И на лице его, когда он жаловался мне, я прочел, кроме обычной горечи, еще и раскаянье. Как можно жаловаться на жену? Но ведь он, в сущности, и не жаловался. Он горевал, недоумевал. Нурм за что?то обиделась на его мать и не бывает теперь у его родных. За что? И мать очень огорчена. «Уж можете поверить мне — никаких оснований обижаться не было!» Я слушал и огорчался вместе с Бонди. Стихийная сила не находила приложения, не находила себе места. А лето было жаркое, небо все время синее. И я, огорчаясь вместе с Бонди, чувствовал, что там, за окнами, происходит нечто утешительное. Я очень любил Москву летом, в жаркую погоду. Однажды вечером наблюдал я одно явление впервые в жизни. У Бонди в комнате были не окна, а одно трехстворчатое, широкое, выходящее в узкий закоулок двора. Напротив такое же широкое окно без признаков занавесок. И однажды, разговаривая с моими хозяевами, увидел я, что в комнате напротив вглубине молодая женщина глядит на кого?то, разговаривает с кем?то и улыбается и стыдливо, и вместе с тем бесстыдно.
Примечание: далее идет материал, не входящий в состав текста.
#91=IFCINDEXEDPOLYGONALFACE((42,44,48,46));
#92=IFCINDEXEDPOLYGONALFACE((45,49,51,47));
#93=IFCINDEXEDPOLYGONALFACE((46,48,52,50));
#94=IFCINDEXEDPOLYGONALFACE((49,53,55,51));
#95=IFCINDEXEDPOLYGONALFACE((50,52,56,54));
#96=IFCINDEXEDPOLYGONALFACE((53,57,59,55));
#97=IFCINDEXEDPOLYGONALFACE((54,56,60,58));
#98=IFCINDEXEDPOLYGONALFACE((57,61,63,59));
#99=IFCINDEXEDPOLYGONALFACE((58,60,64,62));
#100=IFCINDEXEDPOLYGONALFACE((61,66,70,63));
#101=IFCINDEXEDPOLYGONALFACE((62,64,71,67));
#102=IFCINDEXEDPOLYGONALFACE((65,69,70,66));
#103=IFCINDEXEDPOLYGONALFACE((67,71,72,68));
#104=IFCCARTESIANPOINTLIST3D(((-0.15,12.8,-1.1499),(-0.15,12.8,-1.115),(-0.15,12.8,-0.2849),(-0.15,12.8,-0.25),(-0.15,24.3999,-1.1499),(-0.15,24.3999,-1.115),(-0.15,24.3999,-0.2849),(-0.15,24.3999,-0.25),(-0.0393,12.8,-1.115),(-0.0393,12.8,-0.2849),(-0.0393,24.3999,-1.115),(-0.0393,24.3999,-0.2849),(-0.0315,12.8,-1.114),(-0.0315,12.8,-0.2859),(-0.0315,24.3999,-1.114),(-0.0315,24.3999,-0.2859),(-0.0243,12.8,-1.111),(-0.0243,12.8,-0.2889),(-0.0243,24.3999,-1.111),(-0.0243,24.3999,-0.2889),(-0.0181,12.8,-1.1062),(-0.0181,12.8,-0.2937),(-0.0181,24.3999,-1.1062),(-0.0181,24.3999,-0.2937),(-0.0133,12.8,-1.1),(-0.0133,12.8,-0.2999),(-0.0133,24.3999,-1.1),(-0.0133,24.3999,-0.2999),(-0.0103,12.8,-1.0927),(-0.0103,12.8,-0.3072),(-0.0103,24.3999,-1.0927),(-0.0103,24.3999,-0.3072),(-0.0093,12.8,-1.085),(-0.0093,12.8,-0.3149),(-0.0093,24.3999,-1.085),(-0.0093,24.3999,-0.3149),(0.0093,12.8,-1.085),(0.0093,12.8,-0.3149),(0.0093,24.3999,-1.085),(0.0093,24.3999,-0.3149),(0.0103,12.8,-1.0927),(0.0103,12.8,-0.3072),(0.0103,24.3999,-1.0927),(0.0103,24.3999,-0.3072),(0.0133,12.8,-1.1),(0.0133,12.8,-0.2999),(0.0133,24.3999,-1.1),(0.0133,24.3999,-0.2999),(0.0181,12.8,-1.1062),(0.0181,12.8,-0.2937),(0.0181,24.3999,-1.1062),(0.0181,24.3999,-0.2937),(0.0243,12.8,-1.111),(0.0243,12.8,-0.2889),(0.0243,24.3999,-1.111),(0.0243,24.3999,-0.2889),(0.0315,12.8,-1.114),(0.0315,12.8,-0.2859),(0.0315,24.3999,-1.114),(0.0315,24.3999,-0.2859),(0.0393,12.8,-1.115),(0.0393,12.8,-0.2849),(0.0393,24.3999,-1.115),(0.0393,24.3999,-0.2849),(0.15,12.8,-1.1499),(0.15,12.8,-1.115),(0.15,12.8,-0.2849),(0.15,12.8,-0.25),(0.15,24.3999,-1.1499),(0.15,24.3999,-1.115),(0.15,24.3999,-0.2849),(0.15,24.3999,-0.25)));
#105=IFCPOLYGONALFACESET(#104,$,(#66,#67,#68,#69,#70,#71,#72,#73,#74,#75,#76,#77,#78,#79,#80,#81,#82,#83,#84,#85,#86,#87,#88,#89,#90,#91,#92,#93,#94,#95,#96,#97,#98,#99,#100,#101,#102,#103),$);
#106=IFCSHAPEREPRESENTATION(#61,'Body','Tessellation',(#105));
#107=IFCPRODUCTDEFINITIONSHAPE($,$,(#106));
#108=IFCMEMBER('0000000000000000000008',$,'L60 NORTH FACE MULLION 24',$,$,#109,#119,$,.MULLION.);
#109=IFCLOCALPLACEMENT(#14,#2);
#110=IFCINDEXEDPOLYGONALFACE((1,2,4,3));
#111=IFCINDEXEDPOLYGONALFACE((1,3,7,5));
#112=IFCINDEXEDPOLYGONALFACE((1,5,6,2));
И на мгновенье разглядел я обнаженные ноги, колени, и отвернулся скорее, боясь, что увидят, что я подглядываю, и застенчивая грешница, и мои хозяева. А когда взглянул, словно нечаянно, второй раз — всё стало пристойным напротив в комнате. Стихийная сила, заставлявшая улыбаться на особый лад женщину за окном, стала невидима. Однажды хозяева мои повели меня в гости к Курихину[82] и Неверовой[83], которую помнил я красавицей, в кабаре в 18 году, да и в 24–м в «Карусели»[84] была она удивительна. Мне казалось, что все сплетни, ходившие о ней, мгновенно умирали, как бациллы на солнце, когда появлялась она в сиянье своей красоты. В гостях было так же напряженно, как дома. И вот пришел день моего отъезда. Впервые на небе появились облака. Грозовые. С утра поехал я на Союздетфильм.